The phenomenon of the stars being eaten up by black holes is still not fully revealed. Recently, more light was shed on the topic by a team of astrophysicists who launched a group of stars into a series of black holes and recorded what happened.

This study is collectively based on Einstein’s theory of general relativity and the realistic models of main-sequence star densities. They aim to observe the flares of light that are produced from remote black holes that destroy the ill-fated stars.

The simulations gotten from the observations are mesmerizing.

The main activity starts when a star gets a little too close to the black hole. The black hole has an intense gravitational field, and it starts to deform when the star gets near it. It separates the star through its tidal forces. This means that the black hole elongates the star because of its extreme gravitational pull.

When the star gets so close to it that the tidal force from the black hole causes the material to be removed from the star, it is called a tidal break event.

From this point onward, the star’s fate is set in stone. It does not have an option to escape. It has to be engulfed by the black hole.

However, there is an exception of a few stars that have been able to survive. The simulations, led by astrophysicist Taeho Ryu of the Max Planck Institute for Astrophysics in Germany, were designed to find out what factors contributed to a star’s survival.

Six virtual black holes were created with masses between 100,000 and 50 million times that of the Sun. Each of these black holes then had encounters with eight main sequence stars, with masses between 0.15 and 10 times that of sun.

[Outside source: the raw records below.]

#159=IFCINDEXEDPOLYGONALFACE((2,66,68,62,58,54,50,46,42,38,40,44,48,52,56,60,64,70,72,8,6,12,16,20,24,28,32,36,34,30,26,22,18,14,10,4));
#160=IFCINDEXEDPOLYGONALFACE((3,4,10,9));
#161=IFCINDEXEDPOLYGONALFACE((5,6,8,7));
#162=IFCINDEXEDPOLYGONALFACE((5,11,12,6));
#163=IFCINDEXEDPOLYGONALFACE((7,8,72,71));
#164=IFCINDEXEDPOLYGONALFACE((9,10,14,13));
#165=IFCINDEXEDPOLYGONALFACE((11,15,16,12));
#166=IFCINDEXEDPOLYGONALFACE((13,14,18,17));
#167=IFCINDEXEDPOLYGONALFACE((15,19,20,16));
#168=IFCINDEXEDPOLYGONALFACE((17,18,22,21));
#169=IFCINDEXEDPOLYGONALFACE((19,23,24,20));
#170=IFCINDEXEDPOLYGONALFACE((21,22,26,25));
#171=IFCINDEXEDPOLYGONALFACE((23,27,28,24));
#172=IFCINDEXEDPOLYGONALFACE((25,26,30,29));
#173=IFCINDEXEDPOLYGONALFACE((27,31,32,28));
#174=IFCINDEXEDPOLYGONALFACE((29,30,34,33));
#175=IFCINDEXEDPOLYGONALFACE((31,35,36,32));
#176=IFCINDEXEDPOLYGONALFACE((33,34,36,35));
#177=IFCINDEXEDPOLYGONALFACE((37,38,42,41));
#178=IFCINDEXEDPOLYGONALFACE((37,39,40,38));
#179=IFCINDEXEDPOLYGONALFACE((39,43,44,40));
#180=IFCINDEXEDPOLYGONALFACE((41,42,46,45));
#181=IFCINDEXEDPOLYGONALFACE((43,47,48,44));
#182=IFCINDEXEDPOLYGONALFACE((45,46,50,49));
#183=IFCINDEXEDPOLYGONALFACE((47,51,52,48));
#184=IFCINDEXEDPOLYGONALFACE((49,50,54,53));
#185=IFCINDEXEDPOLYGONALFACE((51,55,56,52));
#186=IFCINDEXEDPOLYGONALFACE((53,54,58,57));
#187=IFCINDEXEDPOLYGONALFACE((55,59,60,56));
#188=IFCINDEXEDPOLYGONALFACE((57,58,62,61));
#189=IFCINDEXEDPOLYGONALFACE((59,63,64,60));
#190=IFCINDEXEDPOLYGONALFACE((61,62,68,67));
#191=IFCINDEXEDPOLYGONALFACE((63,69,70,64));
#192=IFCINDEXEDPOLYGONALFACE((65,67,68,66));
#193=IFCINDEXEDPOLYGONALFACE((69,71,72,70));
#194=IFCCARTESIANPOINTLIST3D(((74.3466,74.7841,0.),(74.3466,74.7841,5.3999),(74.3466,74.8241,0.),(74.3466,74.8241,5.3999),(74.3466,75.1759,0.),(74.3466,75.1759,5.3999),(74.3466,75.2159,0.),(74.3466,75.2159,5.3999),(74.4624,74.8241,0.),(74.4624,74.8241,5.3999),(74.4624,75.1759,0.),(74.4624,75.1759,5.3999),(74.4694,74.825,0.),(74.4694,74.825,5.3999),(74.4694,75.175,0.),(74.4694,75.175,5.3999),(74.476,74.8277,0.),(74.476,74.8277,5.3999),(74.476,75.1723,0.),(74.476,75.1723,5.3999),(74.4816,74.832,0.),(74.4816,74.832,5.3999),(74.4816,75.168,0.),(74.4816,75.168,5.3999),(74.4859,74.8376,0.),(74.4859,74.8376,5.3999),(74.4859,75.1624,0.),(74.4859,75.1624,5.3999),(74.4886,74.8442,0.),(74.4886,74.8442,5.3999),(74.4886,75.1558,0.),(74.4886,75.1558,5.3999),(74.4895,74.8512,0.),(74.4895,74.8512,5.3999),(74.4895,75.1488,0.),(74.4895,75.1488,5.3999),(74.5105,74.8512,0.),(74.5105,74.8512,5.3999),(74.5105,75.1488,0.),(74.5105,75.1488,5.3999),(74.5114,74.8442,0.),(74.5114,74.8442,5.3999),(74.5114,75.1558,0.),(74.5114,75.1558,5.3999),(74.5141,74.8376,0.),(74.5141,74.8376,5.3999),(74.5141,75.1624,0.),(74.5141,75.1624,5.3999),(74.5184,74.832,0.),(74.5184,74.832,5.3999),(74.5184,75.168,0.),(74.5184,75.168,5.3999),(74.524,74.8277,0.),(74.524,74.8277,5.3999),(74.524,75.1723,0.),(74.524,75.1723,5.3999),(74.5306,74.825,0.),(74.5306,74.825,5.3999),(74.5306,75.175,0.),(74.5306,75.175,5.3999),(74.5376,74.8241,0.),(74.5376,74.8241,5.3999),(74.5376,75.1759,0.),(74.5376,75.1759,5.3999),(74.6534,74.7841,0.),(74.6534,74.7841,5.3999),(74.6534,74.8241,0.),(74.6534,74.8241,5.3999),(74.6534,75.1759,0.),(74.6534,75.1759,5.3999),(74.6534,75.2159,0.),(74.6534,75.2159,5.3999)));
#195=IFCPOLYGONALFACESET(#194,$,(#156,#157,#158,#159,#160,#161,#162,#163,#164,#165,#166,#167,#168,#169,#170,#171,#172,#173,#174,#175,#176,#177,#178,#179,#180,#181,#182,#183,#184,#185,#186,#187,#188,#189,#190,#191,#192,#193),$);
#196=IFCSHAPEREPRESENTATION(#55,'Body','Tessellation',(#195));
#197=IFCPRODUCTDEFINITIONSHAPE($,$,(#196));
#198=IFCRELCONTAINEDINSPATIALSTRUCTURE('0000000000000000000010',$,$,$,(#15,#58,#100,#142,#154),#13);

The main factor that dictated the star’s interaction with the black hole was the star’s initial density. The denser the star, the more likely it is to survive an encounter with a black hole. These have occurred around supermassive black holes 1 million times the mass of the Sun. The highest density stars are yellow and the lowest are blue in the video.

It was also revealed that the partial outages occurred at the same rate as full outages, and the proportion of the star’s mass that is lost can be described with the help of a simple expression.

Deeper studies in the area can reveal more information about the relatively neglected partial disruption events.

The document accompanying the simulations was published in The Astrophysical Journal in 2020.